Harus sadar bahwa jatuh adalah hal yang biasa terjadi dalam bermain ski. Orang tidur saja tiba-tiba bisa jatuh gara-gara bermimpi buruk dikejar ular dan tubuh reflek bergerak dari tempat tidur ke lantai. Bum! Apalagi main ski yang bergerak cepat laksana kilat? Stop cry! Nah, kalau di dunia ini kita sedikit-sedikit nangis ketika menghadapi persoalan, mana bisa meraih apa yang kita inginkan? Kuatkan tekat. Gesagt, getan atau kalau sudah mau harus bisa. 

5. Budayakan antri

Karena area main ski adalah bukit atau pegunungan, bisa bayangkan bagaimana orang dengan perangkat lenong naik ke atas. Ya, naik lift ke atas. Lift main ski sendiri macem-macem; ada yang model duduk (tinggal berdiri dan pantat kita tinggal duduk di bangku lalu ada tutup besinya demi keselamatan), model jangkar yang bisa diduduki berdua (satu kiri dan satu kanan) atau model L (tangan kita harus memegangi tali dan menyandarkankannya di punggung).

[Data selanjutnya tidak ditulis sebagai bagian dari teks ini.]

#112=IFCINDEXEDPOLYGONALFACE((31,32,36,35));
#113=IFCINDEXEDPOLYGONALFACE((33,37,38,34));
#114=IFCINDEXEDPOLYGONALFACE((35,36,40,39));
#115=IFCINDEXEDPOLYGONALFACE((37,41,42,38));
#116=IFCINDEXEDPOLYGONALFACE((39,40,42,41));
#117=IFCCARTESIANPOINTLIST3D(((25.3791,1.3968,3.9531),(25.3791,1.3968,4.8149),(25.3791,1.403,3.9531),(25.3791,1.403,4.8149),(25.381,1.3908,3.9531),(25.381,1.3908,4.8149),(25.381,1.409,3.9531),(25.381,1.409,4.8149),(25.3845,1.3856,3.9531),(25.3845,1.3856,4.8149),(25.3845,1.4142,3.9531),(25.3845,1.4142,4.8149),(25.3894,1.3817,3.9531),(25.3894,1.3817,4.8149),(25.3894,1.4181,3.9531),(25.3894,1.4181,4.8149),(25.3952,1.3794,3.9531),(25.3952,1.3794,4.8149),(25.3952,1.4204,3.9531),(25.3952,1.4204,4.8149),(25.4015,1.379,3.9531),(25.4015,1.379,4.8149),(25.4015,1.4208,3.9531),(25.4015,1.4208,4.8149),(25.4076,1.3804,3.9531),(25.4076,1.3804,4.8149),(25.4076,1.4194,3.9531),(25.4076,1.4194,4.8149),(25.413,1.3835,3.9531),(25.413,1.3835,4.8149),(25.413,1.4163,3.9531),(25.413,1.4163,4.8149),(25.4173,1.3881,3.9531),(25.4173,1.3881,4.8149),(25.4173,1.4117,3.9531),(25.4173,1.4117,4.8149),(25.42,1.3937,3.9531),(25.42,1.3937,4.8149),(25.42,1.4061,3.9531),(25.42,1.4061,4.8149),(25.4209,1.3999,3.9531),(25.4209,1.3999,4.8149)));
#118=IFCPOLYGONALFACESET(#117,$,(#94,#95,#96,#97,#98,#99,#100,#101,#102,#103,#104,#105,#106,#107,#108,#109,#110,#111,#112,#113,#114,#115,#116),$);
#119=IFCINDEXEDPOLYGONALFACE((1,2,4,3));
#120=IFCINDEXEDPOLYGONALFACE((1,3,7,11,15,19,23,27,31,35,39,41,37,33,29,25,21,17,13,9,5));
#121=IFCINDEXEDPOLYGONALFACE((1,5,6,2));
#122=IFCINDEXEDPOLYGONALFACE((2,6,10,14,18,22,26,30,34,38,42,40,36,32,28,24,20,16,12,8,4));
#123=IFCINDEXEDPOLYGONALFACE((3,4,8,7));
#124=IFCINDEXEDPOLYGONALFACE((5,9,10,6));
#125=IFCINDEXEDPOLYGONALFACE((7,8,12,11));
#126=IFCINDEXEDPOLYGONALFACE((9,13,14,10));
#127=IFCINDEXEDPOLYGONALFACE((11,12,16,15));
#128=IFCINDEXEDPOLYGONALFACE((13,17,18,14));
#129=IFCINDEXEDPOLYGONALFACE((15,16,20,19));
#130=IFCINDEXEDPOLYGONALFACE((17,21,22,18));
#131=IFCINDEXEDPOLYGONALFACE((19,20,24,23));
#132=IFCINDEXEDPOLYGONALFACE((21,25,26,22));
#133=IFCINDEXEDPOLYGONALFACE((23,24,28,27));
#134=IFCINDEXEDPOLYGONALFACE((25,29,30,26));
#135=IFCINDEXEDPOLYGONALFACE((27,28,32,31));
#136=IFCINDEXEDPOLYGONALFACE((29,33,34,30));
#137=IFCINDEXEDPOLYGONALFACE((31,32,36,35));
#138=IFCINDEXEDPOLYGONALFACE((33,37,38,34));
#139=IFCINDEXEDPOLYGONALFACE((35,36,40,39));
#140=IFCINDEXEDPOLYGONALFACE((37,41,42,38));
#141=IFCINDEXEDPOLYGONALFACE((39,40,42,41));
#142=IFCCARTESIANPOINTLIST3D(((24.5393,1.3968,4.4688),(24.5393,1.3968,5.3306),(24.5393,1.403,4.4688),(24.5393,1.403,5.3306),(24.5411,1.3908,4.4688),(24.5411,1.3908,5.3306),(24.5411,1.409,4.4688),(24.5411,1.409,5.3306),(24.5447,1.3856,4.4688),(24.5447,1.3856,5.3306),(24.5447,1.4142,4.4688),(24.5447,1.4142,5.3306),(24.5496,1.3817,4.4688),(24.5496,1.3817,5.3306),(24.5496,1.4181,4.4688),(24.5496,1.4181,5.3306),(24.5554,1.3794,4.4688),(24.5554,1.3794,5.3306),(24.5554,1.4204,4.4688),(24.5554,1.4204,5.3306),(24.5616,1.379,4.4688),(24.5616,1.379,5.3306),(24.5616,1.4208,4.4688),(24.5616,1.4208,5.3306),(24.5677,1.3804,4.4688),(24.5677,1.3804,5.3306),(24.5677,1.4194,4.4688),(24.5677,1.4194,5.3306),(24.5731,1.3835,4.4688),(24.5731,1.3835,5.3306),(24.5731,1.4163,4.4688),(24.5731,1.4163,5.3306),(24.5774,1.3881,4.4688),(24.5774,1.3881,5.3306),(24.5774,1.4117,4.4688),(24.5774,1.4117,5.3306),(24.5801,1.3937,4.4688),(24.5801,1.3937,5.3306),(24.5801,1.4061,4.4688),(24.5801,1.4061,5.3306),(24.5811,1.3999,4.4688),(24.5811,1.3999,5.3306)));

Saking banyaknya pengunjung, biasanya di depan gubuk/pos tempat orang mengoperasikan lift, antrian orang bak ular naga panjangnya. Jangan coba-coba titip sepatu, bisa jadi es kaki kita. Yup. Kalau nggak kebiasa antri dalam hidup, nggak sabar dan nggak mau antri, bisa dibalang sandal sama orang. Mau kepala benjut? 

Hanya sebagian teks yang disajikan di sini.